LES DIEUX INDÉLICATS

Tome 6

Hatchepsout n’est plus ! La reine Tiyi règne en corégence avec son époux le pharaon Aménophis III qui, après quelques expéditions guerrières, se repose sur les exploits accumulés par ses prédécesseurs. Tiyi, usant d’habileté pour imposer ses idées dans les pays voisins, favorise l’arrivée des dieux étrangers. Un commerce de princesses asiatiques s’installe entre l’Égypte et les pays de l’Est et, quand celles-ci n’arrivent pas à destination, les rois asiatiques, mécontents, se sentent déshonorés. C’est le cas de la princesse Choutarna de Babylonie, ce qui offense gravement le roi Kadashman son père. Tiyi, par sa diplomatie, assure et renforce néanmoins les liens entre l’Égypte et les pays de l’Est.
À Karnak, alors que s’établissent des dieux qui ne sont pas égyptiens, les prêtres d’Amon, investis de tous les pouvoirs, veillent, espionnent et, irrités, ne reculent devant aucune forfaiture alors qu’à Thèbes les tensions se déchaînent.
Neby, la jeune scribe publique aux origines confuses, est propulsée au cœur du peuple des pharaons. S’obligeant à passer pour un garçon afin de pouvoir exercer son métier, elle sillonne le Nil à la recherche d’un travail. Certes, elle pense plus à survivre qu’à honorer les dieux qui ne l’ont pas favorisée et dans lesquels d’ailleurs elle ne croit guère.
Les Thébaines, en cette fin de la 18ème dynastie où l’Égypte change de visage, s’adaptent en s’efforçant de conserver leurs acquis.


UN PEU D’HISTOIRE

À la mort de Thoutmosis III, son fils Aménophis II lui succède, continuant sur la même lancée, ses expéditions guerrières ramèneront aussi butins et esclaves. Des colonnes d’hommes, de femmes et d’enfants épuisés et affamés vont sillonner les terres de l’Euphrate jusqu’au Nil, les pieds ensanglantés. Les survivants se verront enrôlés chacun selon son rang et ses capacités.
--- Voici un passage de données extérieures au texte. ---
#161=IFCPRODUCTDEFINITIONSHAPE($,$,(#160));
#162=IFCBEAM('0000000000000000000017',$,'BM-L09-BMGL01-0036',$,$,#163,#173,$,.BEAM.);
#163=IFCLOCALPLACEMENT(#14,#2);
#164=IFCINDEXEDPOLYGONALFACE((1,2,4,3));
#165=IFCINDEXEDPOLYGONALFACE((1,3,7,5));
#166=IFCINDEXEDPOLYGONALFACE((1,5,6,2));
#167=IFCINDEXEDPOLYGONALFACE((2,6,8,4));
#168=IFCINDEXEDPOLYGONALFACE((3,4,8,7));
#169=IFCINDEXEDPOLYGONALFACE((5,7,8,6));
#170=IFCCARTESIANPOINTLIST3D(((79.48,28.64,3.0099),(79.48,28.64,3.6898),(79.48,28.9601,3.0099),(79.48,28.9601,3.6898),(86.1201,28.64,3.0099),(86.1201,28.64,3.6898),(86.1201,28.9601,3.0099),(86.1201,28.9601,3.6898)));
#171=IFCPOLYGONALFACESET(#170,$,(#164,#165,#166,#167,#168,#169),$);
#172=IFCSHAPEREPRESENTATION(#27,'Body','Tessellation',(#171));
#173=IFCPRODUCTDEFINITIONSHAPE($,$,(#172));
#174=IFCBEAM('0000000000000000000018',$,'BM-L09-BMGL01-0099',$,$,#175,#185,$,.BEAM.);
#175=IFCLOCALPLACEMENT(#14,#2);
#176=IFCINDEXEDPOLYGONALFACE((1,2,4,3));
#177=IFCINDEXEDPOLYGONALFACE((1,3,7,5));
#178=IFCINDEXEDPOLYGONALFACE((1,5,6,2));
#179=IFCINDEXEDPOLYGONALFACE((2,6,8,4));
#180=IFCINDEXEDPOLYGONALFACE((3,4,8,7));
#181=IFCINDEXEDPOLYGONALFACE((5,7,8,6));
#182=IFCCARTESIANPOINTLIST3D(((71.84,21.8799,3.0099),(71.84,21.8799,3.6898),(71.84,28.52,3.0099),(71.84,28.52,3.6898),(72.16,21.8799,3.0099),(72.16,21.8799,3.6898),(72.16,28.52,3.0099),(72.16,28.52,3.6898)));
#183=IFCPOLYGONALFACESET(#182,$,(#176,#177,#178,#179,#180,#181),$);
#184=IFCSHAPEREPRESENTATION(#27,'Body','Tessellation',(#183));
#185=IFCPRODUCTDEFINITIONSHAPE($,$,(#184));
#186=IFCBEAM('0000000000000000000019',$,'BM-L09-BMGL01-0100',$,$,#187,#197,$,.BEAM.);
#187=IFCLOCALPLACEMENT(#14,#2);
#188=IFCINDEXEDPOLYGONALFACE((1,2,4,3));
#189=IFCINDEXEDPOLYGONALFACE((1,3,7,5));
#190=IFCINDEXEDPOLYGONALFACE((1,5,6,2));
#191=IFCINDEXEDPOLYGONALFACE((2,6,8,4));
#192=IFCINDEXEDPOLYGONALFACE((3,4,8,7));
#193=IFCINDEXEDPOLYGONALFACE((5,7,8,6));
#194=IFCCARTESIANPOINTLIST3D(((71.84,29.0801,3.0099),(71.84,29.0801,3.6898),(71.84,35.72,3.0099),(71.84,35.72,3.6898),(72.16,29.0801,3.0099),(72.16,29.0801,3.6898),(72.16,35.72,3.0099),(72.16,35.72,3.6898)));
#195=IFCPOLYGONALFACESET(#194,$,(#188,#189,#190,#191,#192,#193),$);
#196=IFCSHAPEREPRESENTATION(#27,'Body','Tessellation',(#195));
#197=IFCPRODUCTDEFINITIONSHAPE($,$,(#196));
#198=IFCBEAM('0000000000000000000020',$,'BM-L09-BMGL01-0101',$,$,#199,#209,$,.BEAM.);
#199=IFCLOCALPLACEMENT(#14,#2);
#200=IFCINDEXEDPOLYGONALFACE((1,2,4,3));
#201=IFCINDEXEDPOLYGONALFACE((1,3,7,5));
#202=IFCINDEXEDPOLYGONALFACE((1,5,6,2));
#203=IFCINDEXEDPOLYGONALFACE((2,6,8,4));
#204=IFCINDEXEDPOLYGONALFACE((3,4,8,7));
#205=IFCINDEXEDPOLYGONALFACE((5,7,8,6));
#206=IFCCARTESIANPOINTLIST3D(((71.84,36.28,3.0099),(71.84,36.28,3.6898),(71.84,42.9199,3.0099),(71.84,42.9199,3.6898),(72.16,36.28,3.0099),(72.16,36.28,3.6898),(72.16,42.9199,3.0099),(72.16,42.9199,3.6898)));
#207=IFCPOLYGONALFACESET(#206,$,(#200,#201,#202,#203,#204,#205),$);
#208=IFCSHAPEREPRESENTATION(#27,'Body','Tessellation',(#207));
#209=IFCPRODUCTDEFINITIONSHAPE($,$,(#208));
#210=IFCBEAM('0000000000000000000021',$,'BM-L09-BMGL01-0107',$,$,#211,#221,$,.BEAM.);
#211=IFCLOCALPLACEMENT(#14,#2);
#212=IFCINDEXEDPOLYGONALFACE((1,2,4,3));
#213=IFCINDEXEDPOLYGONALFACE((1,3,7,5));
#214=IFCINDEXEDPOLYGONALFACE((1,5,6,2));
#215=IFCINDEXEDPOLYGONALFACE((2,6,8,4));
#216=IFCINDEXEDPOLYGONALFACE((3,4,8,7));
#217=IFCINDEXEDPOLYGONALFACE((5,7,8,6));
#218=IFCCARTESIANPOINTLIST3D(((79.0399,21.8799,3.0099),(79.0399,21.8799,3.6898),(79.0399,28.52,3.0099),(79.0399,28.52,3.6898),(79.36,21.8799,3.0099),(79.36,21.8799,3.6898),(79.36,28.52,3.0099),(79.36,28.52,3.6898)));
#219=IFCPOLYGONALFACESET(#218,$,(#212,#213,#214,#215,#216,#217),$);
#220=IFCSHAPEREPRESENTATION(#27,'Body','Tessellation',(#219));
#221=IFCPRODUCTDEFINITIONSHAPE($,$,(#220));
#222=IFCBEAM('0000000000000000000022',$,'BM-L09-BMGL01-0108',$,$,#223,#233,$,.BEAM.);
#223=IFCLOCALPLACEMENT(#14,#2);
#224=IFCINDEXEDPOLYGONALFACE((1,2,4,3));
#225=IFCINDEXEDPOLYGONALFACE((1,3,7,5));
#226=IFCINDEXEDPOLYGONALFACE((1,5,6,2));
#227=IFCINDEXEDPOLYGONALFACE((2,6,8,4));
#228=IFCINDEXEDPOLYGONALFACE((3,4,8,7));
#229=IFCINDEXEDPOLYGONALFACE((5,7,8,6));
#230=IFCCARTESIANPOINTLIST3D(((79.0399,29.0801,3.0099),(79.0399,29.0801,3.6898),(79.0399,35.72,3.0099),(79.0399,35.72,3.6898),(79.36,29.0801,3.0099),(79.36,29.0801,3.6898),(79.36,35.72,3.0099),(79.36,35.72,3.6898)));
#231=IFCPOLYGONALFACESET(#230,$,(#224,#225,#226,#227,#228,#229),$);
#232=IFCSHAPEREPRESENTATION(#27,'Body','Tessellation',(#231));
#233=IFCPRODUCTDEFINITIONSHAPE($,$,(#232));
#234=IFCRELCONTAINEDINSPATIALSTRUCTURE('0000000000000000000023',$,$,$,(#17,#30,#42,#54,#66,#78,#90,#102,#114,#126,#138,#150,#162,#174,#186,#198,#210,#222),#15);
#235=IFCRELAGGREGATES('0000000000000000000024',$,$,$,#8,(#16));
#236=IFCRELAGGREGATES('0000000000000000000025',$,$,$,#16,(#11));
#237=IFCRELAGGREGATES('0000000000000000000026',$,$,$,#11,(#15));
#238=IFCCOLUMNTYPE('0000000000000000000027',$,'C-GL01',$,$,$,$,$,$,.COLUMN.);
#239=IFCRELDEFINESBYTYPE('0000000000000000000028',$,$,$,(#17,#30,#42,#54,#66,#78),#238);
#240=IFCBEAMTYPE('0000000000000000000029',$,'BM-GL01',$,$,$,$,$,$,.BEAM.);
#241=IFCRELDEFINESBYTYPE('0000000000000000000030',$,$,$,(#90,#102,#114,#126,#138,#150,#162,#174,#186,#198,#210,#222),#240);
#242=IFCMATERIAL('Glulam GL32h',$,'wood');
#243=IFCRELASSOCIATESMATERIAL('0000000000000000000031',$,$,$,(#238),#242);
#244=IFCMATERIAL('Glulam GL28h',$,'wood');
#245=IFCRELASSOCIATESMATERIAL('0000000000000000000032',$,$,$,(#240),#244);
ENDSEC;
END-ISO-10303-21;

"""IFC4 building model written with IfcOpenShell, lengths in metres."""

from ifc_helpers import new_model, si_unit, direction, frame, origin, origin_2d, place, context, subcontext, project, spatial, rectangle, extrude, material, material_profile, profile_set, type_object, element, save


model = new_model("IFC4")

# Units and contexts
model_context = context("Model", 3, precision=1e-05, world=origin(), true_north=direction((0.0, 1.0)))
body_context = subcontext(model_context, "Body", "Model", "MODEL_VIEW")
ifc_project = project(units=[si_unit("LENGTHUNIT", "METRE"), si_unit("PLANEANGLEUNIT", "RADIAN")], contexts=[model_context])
Esclaves, artisans, soldats, seront insérés dans la vie égyptienne et étroitement surveillés par l’armée ou l’administration.


Avec le retour de ces expéditions s’installent d’autres idées, d’autres dieux, et les prêtres d’Amon deviennent méfiants, s’opposant farouchement à tout ce qui se heurte à leur culte. Poussé par de nouvelles idéologies, Aménophis II, plus acharné encore que son père, exige que son fils Thoutmosis IV épouse une Mitannienne, faisant ainsi du futur pharaon un demi-asiatique. Ce dernier, prenant exemple sur ses proches aïeux, bafoue lui aussi les usages établis depuis des siècles, refusant de prendre pour épouse une fille de lignée pharaonique.
Il choisira Tiyi, fille de Thouya, une Thébaine noble, et de Youkka, un prince asiatique.


Tiyi par son sens aigu de la diplomatie, mènera une ferme politique extérieure entre l’Égypte et les pays d’Asie.


LE ROMAN

Ainsi les années passent et sautent trois générations de pharaons glorieux et vainqueurs, ramenant butin, esclaves et nouveaux dieux asiatiques. Les Thébaines se propulsent dans un vent qui ne souffle pas de façon habituelle, enlevant un peu de terre à leurs profondes racines égyptiennes. Mais, il y avait eu tant de sang rebelle, côté femmes, depuis que l’audacieuse Séchat avait été Grande Scribe du pharaon Hatchepsout, que la lignée des Thébaines ne pouvait s'éteindre sans amorcer une aube nouvelle pleine de fougue et d'énergie. La désinvolte Satiah, la Seconde Épouse, bafoue les règles du palais pour vivre sa vie comme elle l’entend, le navigateur crétois dont elle a partagé la passion lui laisse une fille qu’elle doit cacher pour ne pas scandaliser la cour.
L’indomptable Beket préfère suivre une carrière d'artiste peintre plutôt que de fonder une famille tandis que Thouya, l’aventurière, épouse un prince asiatique pour la seule joie de vivre les turbulences d'un voyage exotique et voir les bords de l’Euphrate plutôt que ceux du Nil.